È vero, i titoli italiani hanno riconquistato il 30% (dopo il 25 del 2012) degli incassi totali, ed è vero, il cinema resiste molto meglio di qualsiasi altra attività culturale, almeno nella ricezione del pubblico, ma se vogliamo provare a interpretare i dati offerti, la tendenza generale risulta alquanto contraddittoria, qualitativamente bassa e ancora chiusa ai giovani e alle piccole aziende (il 96,3% delle aziende impegnate nell’audiovisivo ha meno di 19 addetti e produce appena il 30,6% del fatturato totale mentre la minoranza delle aziende con più di 20 addetti, il 3,7%, produce il 60,3% del fatturato di settore). Che poi sia Zalone a risollevare il bilancio economico del cinema italiano è un fatto che parla da sé, senza considerare neanche il “Grande Dibattito” scoppiato a proposito de La Grande Bellezza, film che, piaccia o no, racconta della decadenza della classe intellettuale italiana, del suo adagiarsi su vecchi allori, inventandosi scuse della propria indifferenza verso la società reale.
Ed è esattamente questa la tendenza più preoccupante che si evince dal Rapporto: mentre i giovani tentano di produrre maggiormente, con poche risorse (aumentano i film a basso costo, sotto i 200 mila euro) e con poca distribuzione, i grandi titoli, di autori già conosciuti, godono di più domanda, finanziamenti e ovviamente distribuzione. Il risultato paradossale è che le opere prime o seconde finiscono in effetti per essere troppe, molte volte di scarsa qualità, poche quelle invece che ai Festival ricevono più riconoscimenti e che in patria non trovano spazio (vedesi Le Meraviglie, La Leggenda di Kaspar Hauser, I corpi estranei).
Tuttavia la distribuzione italiana risulta in crescita da quattro anni: ci domandiamo però se ciò non sia dovuto proprio ai debutti e alle circolazioni indipendenti, ovvero grazie ai registi e produttori che propongono autonomamente le proprie opere, o alle piccole società di distribuzione che stanno nascendo per contrastare l’imbarazzante vuoto delle grandi sale (I Wonder Pictures, tanto per fare un nome). Intanto i cinema monosala, i cosiddetti “Cinema Paradiso”, stanno definitivamente scomparendo: nel 2006 erano 713, nel 2013 sono scesi a 530.
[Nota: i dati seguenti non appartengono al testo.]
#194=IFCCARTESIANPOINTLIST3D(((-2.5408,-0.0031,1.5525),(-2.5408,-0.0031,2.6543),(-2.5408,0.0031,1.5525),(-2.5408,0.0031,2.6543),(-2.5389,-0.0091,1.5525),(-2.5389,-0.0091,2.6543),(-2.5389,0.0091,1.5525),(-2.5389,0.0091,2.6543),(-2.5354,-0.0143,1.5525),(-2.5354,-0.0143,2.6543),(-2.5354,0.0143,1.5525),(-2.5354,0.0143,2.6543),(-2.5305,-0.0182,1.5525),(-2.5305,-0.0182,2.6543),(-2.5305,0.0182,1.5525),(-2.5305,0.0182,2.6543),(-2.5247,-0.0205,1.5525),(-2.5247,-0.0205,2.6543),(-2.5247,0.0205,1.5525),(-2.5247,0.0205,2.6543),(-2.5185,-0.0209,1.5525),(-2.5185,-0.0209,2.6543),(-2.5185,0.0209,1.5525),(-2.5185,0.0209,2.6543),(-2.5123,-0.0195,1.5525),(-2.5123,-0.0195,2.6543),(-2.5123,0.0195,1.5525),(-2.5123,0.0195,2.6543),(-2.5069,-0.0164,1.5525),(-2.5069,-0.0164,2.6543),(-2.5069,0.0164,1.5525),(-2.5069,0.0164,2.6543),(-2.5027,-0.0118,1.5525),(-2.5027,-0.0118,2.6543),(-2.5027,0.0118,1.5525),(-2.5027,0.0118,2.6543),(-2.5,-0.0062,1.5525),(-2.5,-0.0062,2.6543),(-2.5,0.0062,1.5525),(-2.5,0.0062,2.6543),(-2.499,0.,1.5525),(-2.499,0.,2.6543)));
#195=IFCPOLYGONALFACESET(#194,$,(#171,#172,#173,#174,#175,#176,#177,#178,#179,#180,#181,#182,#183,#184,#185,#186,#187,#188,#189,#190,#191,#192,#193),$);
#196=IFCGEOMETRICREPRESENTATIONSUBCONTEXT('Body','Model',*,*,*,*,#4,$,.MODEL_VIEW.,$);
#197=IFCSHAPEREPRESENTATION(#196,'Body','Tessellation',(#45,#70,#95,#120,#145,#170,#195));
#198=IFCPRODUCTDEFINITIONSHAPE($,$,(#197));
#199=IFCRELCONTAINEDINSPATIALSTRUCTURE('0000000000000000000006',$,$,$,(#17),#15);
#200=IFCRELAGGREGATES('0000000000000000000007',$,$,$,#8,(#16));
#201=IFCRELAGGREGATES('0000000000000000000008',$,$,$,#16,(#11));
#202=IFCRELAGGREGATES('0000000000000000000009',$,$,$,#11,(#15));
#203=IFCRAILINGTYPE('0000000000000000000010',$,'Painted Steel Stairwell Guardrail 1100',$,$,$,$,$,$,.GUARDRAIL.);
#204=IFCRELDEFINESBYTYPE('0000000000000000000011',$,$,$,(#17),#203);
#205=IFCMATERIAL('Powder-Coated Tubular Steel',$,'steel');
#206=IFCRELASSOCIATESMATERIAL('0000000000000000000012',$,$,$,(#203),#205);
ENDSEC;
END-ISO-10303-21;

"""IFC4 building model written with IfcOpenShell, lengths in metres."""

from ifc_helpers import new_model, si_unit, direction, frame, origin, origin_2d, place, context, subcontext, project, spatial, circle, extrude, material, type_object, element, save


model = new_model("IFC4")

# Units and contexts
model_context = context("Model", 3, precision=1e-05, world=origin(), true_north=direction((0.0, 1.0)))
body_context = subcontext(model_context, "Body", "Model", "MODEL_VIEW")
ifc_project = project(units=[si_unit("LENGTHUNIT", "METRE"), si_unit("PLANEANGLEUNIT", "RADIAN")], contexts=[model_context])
Ciò che è emerso dal Rapporto appare quindi quasi scontato nel periodo di crisi, economica e per certi versi creativa, che stiamo vivendo; quello che scontato non è, è che il cinema continua comunque a costituire una vera e propria industria, tra le culturali quella più solida, che produce una ricchezza annuale pari a 4,4 miliardi di euro; quella ricchezza che ha sempre aiutato l’Italia a risollevarsi, a partire dal boom dell’Hollywood sul Tevere, grazie a quell’insieme di maestranze che dal quel momento si sono create e che tuttora rappresentano delle professionalità uniche (ma di cui la formazione dovrebbe continuare ad occuparsi per aggiornarsi agli standard internazionali).
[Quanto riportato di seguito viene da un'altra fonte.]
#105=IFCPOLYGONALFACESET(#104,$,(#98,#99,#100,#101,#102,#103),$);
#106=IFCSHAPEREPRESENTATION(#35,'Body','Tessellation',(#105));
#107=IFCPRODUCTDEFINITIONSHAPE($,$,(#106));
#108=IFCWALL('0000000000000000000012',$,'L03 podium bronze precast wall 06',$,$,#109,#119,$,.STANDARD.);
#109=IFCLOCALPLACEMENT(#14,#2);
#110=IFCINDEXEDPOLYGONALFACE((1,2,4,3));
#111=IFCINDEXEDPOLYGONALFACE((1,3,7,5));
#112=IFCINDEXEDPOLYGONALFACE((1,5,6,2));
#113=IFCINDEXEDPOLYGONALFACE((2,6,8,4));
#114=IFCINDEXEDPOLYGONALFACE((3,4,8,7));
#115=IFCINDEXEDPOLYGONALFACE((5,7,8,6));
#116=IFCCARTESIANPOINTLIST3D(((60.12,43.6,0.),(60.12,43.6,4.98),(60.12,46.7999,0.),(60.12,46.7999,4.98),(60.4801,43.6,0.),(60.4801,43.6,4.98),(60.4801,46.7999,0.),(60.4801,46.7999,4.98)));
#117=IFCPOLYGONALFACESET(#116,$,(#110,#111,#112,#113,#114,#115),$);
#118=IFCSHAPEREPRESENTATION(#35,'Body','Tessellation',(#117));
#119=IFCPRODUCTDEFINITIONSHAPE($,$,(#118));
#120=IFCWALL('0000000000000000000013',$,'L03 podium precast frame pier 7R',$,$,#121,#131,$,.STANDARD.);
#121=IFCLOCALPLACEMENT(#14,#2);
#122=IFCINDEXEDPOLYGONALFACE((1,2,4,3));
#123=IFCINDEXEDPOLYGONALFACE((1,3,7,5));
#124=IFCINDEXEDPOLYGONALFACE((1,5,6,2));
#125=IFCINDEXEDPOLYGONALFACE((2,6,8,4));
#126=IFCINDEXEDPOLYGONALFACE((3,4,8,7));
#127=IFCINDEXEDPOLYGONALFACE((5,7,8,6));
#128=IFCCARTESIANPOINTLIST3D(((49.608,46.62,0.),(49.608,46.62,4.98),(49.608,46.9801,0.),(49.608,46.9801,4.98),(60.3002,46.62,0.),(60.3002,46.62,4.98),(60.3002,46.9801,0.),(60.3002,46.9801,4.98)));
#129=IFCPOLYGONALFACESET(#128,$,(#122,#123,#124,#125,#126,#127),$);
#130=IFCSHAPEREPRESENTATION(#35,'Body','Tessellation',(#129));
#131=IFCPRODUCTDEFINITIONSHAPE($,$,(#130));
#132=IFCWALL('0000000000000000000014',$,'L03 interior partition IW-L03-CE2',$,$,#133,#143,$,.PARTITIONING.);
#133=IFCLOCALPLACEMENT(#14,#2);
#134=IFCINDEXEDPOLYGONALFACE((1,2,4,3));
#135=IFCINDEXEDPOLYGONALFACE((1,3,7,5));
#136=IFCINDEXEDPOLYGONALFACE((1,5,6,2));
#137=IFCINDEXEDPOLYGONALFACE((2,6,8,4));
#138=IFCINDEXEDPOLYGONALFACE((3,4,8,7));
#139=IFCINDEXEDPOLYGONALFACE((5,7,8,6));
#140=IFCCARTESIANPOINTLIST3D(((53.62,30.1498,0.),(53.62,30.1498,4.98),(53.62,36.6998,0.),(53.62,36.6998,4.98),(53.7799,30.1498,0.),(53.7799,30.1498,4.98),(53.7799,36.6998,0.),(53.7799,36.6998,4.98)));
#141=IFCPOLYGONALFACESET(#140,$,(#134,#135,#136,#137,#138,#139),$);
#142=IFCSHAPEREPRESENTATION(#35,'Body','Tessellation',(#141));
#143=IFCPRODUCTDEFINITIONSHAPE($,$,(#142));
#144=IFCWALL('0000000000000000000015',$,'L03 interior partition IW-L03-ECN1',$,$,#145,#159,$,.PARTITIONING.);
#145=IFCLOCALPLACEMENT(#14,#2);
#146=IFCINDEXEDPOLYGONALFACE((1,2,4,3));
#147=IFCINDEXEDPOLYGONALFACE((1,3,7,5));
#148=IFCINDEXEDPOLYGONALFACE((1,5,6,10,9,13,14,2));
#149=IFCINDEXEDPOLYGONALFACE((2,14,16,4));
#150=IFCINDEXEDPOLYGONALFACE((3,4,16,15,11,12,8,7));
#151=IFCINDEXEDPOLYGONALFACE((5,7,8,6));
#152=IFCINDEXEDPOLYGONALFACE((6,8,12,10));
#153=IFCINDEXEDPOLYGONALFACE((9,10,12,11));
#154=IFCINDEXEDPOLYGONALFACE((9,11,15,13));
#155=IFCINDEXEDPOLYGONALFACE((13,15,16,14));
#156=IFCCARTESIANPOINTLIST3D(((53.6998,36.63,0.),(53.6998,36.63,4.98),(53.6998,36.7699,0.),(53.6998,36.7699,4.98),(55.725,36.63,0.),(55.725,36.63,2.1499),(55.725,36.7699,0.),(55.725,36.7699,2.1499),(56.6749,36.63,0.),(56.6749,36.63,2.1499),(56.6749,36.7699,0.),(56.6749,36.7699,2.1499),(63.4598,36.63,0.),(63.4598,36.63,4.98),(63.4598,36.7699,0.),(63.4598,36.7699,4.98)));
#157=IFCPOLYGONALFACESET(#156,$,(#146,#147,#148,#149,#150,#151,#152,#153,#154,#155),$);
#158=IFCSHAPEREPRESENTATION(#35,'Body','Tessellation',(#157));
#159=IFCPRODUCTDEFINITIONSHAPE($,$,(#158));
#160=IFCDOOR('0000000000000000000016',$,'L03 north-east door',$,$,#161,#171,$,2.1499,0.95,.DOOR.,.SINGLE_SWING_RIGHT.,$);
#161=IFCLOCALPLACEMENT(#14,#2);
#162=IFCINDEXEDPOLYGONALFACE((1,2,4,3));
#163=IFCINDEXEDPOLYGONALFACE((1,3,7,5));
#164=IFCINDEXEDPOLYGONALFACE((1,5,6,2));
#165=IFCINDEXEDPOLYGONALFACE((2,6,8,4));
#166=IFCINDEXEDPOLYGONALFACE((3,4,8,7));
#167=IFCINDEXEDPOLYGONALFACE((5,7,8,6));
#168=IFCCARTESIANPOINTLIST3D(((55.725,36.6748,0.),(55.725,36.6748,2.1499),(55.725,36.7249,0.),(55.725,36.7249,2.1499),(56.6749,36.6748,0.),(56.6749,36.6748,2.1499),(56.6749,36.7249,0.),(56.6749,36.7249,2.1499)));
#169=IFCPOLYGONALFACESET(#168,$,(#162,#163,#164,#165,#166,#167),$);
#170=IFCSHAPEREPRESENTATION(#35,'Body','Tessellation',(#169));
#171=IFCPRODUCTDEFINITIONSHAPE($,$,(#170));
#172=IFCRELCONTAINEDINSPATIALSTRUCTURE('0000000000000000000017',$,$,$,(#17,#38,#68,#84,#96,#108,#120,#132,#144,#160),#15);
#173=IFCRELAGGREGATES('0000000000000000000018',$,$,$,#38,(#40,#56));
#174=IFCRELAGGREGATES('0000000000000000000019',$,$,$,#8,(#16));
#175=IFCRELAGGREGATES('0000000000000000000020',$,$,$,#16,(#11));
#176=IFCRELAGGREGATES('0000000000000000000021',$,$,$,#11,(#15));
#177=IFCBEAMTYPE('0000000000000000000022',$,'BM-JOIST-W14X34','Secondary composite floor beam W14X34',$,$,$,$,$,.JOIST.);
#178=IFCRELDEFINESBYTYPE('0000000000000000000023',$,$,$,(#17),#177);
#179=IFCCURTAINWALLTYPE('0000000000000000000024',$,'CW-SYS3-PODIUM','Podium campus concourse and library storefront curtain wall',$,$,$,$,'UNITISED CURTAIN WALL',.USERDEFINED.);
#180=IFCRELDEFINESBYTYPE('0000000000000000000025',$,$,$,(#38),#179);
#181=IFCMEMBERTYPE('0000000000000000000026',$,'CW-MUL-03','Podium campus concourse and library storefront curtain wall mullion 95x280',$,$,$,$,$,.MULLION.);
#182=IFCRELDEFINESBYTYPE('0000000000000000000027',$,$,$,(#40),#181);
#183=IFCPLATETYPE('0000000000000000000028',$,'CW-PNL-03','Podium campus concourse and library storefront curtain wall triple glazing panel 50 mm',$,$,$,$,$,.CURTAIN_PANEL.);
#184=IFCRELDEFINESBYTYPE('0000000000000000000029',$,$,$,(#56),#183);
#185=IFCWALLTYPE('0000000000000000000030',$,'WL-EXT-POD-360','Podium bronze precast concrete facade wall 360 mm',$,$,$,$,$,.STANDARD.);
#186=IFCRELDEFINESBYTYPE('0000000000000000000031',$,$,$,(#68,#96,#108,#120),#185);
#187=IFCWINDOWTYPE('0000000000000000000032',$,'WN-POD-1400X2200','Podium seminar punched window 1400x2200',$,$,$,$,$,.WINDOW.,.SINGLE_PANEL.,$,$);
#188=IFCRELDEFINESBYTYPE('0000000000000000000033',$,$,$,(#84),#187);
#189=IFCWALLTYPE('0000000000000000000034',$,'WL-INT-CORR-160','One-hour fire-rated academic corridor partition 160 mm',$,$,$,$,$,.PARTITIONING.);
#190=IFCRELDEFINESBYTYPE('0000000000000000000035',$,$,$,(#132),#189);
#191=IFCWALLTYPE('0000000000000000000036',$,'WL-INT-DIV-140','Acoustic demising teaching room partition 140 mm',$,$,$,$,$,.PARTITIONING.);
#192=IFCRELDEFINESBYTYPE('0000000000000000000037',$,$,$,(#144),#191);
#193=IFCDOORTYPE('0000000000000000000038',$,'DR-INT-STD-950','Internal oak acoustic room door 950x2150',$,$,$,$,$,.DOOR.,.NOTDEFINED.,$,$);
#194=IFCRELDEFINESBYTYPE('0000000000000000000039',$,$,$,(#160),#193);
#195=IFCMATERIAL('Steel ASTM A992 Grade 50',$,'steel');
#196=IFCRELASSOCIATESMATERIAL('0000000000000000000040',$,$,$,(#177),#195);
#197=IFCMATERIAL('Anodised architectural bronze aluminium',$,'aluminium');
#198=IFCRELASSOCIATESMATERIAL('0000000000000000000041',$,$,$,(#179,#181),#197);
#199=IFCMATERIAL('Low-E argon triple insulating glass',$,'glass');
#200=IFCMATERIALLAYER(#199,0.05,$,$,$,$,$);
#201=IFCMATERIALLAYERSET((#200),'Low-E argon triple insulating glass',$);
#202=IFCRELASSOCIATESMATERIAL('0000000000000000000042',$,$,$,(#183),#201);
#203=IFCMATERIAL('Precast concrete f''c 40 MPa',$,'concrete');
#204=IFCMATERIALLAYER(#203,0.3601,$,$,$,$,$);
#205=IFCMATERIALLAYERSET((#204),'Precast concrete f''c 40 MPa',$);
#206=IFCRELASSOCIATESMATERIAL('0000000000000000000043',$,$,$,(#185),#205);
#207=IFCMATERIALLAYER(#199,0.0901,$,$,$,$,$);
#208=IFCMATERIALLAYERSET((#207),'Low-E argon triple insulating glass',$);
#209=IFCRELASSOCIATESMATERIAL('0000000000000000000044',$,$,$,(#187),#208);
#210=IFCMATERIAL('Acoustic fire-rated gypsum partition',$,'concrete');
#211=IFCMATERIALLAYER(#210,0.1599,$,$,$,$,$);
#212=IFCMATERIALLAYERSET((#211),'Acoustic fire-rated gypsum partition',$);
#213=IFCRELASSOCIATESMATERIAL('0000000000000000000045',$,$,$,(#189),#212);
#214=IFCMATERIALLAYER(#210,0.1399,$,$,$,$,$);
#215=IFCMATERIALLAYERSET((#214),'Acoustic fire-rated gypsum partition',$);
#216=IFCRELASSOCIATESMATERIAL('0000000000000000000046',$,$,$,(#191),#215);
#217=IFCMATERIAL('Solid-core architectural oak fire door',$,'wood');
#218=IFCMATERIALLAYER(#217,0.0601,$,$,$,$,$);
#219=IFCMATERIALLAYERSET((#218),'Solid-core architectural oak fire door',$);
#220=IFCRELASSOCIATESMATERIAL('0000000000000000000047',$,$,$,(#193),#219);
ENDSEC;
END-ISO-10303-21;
Sarebbe interessante a questo proposito leggere anche il Rapporto sulle Film Commission, contenuto nella versione completa, prossimamente disponibile sul sito web Cineconomy, per vedere quali sono stati nei primi anni di attività le azioni e gli effetti di queste realtà relativamente recenti, che sembra abbiano funzionato solo in certe regioni (Apulia Film Commission, Piemonte, Toscana) mentre in altre si ritrovano ancora ad arrancare, se non ad ostacolare lo giusto sviluppo di un’ industria cinematografica locale.
Trovando il lato positivo, l’impegno per migliorare non manca; e in questo il Rapporto Annuale è uno strumento indispensabile.